- Born: 8 October 1859 Wadhurst, Sussex, United Kingdom
- Died: 22 October 1925 (aged 66)
- Education: University College, London B.Sc (1891)
- Parents: John Foley (father); Caroline Elizabeth Windham (mother);
- Relatives: Caroline Rhys Davids (sister)
- Scientific career
- Workplaces: University of London

= Mary Cecilia Foley =

British geologist and university administrator (1859–1925)

Mary Cecilia Foley (8 October 1859 – 22 October 1925) was a British geologist who worked at the University of London.

== Early life and education ==
Foley was born at Wadhurst, Sussex in October 1859. She was the daughter of John Foley, vicar of Wadhurst, and Caroline Elizabeth Foley (née Windham), and had an older sister, Caroline Rhys Davids and a brother Charles Windham Foley. Four years before she was born, five of her siblings died from diphtheria within weeks of each other between December 1855 and January 1856. They are commemorated in the church of St Peter and St Paul, Wadhurst.

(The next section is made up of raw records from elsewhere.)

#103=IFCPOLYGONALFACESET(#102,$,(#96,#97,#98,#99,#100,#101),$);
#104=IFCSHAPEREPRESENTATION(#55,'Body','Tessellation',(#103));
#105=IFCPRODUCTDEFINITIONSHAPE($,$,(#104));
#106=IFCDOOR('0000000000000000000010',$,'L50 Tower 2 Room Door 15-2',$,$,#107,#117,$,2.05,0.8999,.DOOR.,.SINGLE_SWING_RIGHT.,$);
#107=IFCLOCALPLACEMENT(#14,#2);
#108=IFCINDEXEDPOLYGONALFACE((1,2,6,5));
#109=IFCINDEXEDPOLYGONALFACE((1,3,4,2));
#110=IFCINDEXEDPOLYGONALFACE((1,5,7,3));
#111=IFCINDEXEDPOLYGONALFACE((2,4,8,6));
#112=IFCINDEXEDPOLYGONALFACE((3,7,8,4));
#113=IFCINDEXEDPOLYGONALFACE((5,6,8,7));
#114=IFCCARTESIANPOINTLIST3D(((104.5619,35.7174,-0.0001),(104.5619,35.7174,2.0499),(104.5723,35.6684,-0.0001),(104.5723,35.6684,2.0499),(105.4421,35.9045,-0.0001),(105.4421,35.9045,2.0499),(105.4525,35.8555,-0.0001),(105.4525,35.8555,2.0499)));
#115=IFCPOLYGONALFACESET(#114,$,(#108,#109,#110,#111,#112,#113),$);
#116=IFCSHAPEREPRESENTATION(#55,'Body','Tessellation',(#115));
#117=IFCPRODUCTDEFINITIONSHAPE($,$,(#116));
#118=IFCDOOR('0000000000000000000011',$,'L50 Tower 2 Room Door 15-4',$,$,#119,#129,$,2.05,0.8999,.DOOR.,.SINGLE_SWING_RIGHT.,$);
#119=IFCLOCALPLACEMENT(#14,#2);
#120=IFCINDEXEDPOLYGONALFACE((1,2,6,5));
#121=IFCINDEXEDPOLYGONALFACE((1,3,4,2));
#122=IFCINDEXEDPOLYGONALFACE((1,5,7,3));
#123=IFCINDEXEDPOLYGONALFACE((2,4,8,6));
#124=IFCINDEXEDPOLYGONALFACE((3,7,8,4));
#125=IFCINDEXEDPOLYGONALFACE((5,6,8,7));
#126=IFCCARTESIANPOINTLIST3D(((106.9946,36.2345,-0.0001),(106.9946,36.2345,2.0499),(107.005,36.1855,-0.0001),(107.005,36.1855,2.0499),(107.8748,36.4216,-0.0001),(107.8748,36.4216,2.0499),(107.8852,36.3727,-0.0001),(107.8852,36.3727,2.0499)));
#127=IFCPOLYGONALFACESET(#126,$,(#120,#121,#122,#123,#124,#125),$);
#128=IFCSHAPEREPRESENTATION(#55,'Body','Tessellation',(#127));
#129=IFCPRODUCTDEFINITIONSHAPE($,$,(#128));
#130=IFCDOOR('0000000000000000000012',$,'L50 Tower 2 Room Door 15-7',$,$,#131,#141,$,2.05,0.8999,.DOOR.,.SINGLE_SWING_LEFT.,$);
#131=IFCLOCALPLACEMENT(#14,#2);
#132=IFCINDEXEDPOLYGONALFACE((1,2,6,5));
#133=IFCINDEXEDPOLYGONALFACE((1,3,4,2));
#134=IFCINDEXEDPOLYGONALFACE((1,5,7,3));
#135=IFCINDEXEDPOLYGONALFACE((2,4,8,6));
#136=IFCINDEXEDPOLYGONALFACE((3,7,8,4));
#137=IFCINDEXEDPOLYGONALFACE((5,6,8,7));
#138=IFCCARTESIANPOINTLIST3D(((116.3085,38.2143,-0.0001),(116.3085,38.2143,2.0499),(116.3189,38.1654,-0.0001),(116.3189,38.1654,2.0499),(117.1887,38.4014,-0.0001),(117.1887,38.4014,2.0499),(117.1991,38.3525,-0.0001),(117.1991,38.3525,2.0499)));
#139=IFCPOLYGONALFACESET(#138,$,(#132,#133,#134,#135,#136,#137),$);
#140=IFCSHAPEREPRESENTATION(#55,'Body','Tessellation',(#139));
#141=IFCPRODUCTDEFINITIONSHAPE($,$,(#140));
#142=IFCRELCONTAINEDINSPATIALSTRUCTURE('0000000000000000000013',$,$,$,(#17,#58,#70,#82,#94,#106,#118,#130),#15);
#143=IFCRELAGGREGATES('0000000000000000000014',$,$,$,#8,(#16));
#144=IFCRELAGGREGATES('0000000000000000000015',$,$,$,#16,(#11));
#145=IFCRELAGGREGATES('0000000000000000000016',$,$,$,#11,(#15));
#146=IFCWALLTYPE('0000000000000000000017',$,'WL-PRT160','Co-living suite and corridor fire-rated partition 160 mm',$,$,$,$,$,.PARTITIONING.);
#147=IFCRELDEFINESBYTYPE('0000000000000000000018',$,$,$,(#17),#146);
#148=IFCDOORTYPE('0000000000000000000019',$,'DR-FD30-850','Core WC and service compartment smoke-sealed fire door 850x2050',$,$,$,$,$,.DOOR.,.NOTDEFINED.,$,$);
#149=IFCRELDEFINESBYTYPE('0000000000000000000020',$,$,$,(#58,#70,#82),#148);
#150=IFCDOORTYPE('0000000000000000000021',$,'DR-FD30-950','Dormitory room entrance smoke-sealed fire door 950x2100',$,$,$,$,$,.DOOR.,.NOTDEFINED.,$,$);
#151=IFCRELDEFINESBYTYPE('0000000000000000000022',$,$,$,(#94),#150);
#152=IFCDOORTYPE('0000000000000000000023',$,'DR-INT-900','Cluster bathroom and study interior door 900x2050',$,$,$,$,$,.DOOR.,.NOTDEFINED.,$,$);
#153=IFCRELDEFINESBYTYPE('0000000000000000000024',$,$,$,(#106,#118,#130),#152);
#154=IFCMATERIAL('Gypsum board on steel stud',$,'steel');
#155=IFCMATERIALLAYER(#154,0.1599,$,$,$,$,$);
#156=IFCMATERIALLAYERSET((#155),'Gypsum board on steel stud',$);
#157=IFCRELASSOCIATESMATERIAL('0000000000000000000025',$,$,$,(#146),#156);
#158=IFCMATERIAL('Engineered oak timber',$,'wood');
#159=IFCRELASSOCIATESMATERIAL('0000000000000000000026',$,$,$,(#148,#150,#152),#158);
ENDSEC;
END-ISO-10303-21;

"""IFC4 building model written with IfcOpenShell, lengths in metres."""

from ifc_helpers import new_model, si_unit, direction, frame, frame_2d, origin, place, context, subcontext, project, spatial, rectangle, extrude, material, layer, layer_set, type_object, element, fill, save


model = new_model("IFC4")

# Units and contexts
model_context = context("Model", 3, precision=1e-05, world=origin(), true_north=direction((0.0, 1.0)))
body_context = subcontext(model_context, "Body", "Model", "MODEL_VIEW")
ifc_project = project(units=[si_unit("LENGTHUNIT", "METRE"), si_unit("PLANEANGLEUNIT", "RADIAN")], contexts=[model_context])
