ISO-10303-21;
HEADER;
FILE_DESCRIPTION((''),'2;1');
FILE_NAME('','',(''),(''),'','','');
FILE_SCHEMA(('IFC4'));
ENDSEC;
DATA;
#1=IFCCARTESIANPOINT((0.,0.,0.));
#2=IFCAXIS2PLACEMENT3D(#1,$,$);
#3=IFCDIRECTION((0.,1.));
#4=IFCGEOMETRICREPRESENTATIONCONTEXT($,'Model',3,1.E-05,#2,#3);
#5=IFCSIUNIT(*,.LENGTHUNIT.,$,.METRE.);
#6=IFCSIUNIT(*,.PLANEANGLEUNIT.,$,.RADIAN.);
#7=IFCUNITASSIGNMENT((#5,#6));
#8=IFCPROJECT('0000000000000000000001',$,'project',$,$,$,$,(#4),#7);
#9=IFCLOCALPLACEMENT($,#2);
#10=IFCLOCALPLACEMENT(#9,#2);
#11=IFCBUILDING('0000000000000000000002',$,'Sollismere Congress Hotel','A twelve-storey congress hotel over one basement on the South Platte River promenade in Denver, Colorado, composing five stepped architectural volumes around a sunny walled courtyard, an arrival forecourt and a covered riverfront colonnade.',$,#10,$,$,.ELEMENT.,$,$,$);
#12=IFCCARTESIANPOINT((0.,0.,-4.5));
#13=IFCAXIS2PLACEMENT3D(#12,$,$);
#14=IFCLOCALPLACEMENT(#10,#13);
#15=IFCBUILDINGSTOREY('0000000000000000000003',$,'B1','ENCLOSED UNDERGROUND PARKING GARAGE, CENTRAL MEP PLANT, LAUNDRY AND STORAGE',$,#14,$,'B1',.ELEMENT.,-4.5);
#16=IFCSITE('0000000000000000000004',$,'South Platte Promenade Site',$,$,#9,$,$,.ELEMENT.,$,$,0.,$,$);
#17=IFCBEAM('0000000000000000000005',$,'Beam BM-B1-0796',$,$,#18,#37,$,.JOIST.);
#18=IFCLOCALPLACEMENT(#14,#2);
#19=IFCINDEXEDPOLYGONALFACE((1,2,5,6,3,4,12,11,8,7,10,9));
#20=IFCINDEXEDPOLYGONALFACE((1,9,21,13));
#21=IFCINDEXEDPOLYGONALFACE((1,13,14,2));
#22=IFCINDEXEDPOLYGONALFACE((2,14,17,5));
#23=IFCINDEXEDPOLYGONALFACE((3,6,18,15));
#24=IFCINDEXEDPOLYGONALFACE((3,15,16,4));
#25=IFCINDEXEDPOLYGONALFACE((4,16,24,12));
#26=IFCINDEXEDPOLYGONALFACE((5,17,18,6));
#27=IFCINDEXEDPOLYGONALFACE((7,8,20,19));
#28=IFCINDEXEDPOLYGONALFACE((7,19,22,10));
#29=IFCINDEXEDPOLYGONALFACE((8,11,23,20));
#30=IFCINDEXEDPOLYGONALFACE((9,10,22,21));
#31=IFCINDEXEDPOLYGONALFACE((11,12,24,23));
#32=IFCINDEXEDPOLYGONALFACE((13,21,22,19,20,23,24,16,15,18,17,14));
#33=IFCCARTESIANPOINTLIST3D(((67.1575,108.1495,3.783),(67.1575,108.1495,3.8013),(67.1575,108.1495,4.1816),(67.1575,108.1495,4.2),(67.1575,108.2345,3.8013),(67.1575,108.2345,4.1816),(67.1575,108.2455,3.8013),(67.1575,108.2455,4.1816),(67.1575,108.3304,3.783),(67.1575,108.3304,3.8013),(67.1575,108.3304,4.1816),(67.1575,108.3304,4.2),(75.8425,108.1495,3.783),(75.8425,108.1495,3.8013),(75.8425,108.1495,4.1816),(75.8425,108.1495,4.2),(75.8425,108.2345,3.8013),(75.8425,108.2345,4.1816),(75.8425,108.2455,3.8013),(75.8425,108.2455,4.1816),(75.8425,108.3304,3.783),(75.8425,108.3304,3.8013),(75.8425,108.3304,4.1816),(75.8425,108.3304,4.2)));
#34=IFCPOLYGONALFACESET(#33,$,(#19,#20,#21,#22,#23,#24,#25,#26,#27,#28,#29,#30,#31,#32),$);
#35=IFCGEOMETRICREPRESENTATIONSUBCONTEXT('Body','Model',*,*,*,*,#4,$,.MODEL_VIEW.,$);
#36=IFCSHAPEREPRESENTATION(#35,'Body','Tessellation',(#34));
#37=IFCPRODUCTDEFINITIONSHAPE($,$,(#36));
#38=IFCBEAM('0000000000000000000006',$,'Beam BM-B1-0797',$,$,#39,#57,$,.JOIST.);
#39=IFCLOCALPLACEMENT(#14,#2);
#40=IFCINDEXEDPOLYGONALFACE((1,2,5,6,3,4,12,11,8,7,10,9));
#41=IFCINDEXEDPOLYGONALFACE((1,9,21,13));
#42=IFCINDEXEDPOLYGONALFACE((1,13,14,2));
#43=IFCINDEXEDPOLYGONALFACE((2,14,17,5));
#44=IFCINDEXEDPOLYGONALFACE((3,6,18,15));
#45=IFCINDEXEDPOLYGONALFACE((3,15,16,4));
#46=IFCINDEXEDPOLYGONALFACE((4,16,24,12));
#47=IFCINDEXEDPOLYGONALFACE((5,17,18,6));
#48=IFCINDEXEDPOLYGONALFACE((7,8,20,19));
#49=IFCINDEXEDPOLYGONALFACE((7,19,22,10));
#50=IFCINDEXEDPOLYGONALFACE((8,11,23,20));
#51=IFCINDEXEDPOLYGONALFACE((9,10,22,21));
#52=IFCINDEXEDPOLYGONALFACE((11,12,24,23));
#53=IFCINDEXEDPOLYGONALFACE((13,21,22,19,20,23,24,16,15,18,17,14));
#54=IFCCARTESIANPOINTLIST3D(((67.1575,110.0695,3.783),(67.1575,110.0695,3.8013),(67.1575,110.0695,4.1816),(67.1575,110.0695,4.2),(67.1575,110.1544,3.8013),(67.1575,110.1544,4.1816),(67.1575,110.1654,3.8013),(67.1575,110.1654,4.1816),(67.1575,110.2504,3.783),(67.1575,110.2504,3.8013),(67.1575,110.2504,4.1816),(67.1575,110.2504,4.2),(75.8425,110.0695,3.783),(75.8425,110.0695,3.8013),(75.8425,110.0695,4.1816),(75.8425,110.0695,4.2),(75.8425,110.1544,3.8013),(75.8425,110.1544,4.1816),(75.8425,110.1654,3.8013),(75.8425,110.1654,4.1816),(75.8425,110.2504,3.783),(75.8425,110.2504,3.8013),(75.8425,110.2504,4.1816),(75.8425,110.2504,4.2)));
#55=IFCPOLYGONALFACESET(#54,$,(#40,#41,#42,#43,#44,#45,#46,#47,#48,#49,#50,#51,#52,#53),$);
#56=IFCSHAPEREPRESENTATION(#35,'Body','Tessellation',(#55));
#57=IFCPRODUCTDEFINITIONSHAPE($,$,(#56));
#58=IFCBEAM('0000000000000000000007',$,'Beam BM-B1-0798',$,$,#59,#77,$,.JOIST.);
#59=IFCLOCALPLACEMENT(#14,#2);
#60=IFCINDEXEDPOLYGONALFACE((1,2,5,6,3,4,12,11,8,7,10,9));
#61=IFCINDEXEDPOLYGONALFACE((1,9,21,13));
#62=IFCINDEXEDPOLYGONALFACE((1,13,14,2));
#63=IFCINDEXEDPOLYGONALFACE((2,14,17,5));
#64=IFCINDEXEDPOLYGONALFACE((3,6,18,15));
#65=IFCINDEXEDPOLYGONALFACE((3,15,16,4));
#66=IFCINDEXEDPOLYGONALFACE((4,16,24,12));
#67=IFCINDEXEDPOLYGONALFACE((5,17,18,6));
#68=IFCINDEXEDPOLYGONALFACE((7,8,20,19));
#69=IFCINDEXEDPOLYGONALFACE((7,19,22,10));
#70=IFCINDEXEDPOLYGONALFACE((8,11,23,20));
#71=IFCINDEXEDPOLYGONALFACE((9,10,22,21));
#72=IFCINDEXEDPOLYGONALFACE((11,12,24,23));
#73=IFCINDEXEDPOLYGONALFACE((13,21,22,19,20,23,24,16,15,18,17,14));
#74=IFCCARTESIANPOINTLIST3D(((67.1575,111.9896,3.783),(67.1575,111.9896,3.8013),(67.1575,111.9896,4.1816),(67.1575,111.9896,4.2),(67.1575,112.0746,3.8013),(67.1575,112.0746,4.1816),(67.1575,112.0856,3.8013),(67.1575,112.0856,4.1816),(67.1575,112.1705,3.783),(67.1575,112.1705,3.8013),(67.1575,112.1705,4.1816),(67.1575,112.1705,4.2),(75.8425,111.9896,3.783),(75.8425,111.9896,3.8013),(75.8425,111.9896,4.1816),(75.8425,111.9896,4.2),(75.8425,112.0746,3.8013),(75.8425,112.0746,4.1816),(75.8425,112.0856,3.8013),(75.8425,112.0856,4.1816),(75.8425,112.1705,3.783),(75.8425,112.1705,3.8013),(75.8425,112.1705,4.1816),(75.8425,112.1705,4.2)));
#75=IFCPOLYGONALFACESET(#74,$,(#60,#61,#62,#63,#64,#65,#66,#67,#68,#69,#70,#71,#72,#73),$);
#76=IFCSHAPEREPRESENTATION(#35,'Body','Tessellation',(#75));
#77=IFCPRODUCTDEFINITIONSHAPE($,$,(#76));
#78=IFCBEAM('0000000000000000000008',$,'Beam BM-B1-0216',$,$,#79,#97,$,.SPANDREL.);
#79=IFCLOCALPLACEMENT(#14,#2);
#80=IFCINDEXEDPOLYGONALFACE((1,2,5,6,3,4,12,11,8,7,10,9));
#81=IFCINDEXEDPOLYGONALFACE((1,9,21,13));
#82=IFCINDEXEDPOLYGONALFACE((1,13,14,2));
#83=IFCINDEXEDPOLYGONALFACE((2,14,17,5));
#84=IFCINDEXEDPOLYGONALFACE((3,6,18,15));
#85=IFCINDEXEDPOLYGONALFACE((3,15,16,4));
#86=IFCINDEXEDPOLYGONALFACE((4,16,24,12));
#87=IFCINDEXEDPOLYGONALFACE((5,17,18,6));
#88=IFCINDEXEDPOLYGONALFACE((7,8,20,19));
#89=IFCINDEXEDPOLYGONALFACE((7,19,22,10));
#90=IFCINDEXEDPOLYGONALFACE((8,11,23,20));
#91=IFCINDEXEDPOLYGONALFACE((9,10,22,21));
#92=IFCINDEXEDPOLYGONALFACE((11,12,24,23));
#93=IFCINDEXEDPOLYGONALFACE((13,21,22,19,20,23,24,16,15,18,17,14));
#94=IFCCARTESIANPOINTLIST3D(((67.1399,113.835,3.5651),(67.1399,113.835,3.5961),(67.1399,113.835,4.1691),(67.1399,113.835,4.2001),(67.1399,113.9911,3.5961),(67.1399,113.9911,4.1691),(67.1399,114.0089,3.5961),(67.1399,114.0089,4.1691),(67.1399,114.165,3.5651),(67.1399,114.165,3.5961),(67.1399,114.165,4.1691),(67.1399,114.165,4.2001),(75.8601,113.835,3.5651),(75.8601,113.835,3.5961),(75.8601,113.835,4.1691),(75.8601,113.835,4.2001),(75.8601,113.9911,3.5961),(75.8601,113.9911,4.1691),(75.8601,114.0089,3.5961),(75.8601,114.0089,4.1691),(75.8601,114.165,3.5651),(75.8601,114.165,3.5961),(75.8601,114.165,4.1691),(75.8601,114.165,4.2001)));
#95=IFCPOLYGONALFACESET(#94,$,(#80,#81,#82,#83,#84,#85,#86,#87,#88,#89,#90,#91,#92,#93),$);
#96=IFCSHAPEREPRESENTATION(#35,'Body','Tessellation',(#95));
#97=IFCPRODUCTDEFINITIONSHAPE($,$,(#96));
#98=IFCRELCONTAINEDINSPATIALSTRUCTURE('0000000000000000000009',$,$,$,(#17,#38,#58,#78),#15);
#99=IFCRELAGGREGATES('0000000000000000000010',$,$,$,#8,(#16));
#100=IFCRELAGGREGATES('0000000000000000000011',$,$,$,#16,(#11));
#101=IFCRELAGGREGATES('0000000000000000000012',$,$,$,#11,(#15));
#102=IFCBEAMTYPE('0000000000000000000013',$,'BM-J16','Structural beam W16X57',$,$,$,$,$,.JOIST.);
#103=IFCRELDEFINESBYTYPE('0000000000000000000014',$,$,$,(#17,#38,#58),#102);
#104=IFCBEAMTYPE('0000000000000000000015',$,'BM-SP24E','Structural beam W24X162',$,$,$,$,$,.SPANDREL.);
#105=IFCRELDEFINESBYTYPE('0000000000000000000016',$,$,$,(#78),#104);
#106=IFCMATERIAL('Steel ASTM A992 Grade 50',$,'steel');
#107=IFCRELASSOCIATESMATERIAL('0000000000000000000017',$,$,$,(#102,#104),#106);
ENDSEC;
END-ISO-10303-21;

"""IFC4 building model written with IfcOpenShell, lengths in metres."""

from ifc_helpers import new_model, si_unit, direction, frame, origin, origin_2d, place, context, subcontext, project, spatial, i_section, extrude, material, material_profile, profile_set, type_object, element, save


model = new_model("IFC4")

# Units and contexts
model_context = context("Model", 3, precision=1e-05, world=origin(), true_north=direction((0.0, 1.0)))
body_context = subcontext(model_context, "Body", "Model", "MODEL_VIEW")
ifc_project = project(units=[si_unit("LENGTHUNIT", "METRE"), si_unit("PLANEANGLEUNIT", "RADIAN")], contexts=[model_context])

# Site, building, storey
site_placement = place(None, origin())
site = spatial("IfcSite", under=ifc_project, at=site_placement, Name="South Platte Promenade Site", CompositionType="ELEMENT", RefElevation=0.0)
building_placement = place(site_placement, origin())
building = spatial("IfcBuilding", under=site, at=building_placement, Name="Sollismere Congress Hotel", Description="A twelve-storey congress hotel over one basement on the South Platte River promenade in Denver, Colorado, composing five stepped architectural volumes around a sunny walled courtyard, an arrival forecourt and a covered riverfront colonnade.", CompositionType="ELEMENT")
storey_placement = place(building_placement, frame((0.0, 0.0, -4.5)))
storey = spatial("IfcBuildingStorey", under=building, at=storey_placement, Name="B1", Description="ENCLOSED UNDERGROUND PARKING GARAGE, CENTRAL MEP PLANT, LAUNDRY AND STORAGE", LongName="B1", CompositionType="ELEMENT", Elevation=-4.5)

# Beams
ifc_material_1 = material(Name="Steel ASTM A992 Grade 50", Category="steel")
ifc_material_profile_1 = material_profile(ifc_material_1, i_section(OverallWidth=0.1809, OverallDepth=0.417, WebThickness=0.011, FlangeThickness=0.0183, at=origin_2d()), Name="W16X57")
ifc_profile_set_1 = profile_set([ifc_material_profile_1], Name="Steel ASTM A992 Grade 50")
beam_type_1 = type_object("IfcBeamType", Name="BM-J16", Description="Structural beam W16X57", PredefinedType="JOIST", material=ifc_profile_set_1)
for number, where, z_axis, x_axis, name in (
    (1, (67.1575, 108.24, 3.9915), (1.0, 0.0, 0.0), (0.0, 1.0, 0.0), "Beam BM-B1-0796"),
    (2, (67.1575, 110.1599, 3.9915), (1.0, 0.0, 0.0), (0.0, 1.0, 0.0), "Beam BM-B1-0797"),
    (3, (67.1575, 112.0801, 3.9915), (1.0, 0.0, 0.0), (0.0, 1.0, 0.0), "Beam BM-B1-0798"),
):
    element("IfcBeam", number, at=place(storey_placement, frame(where, z_axis=z_axis, x_axis=x_axis)), inside=storey, type_object=beam_type_1, Name=name, PredefinedType="JOIST", context=body_context, shape_type="SweptSolid", body=[
        extrude(i_section(OverallWidth=0.1809, OverallDepth=0.417, WebThickness=0.011, FlangeThickness=0.0183, at=origin_2d()), origin(), (0.0, 0.0, 1.0), 8.6851),
    ])
ifc_material_profile_2 = material_profile(ifc_material_1, i_section(OverallWidth=0.3301, OverallDepth=0.635, WebThickness=0.0178, FlangeThickness=0.031, at=origin_2d()), Name="W24X162")
ifc_profile_set_2 = profile_set([ifc_material_profile_2], Name="Steel ASTM A992 Grade 50")
beam_type_2 = type_object("IfcBeamType", Name="BM-SP24E", Description="Structural beam W24X162", PredefinedType="SPANDREL", material=ifc_profile_set_2)
beam_placement = place(storey_placement, frame((67.1399, 114.0, 3.8826), z_axis=(1.0, 0.0, 0.0), x_axis=(0.0, 1.0, 0.0)))
element("IfcBeam", 4, at=beam_placement, inside=storey, type_object=beam_type_2, Name="Beam BM-B1-0216", PredefinedType="SPANDREL", context=body_context, shape_type="SweptSolid", body=[
    extrude(i_section(OverallWidth=0.3301, OverallDepth=0.635, WebThickness=0.0178, FlangeThickness=0.031, at=origin_2d()), origin(), (0.0, 0.0, 1.0), 8.7202),
])

save(model, "model.ifc")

Foley studied at University College, London under geologist Thomas George Bonney. She graduated in 1891 with an honours degree in geology and was awarded the Morris prize for geology that same year. Foley was active in improving women's welfare through social work and advancement in politics.

Foley is known for her contribution to the understanding of geology with her discovery of dark green glass in volcanic lava located at Bertrich.

== Geologists' Association ==
During the 1890s, Foley was an active member of the Geologists' Association, which is an inclusive professional organization that welcomes geologists of all backgrounds. Foley also published a number of reports of field excursions, and in 1896, she published a paper on 'enclosures of glass in basalt', based on field observations of some volcanic outcrops in the Eifel.

She served on the council of the Geologists' Association from 1897 to 1900, and from 1909 to 1912. Foley was only the second woman, after Catherine Raisin, to be elected to serve on the council. From 1901 to 1903, Foley was excursions secretary for the association.

From 1901 to 1925 Foley was the Chief Lady Invigilator at London University.

During the 1900s, Foley assisted her sister Caroline Rhys Davids with the transcription of two Buddhist texts in the Pali language: the Dukapaṭṭhāna (1906) and the Yamaka (1911).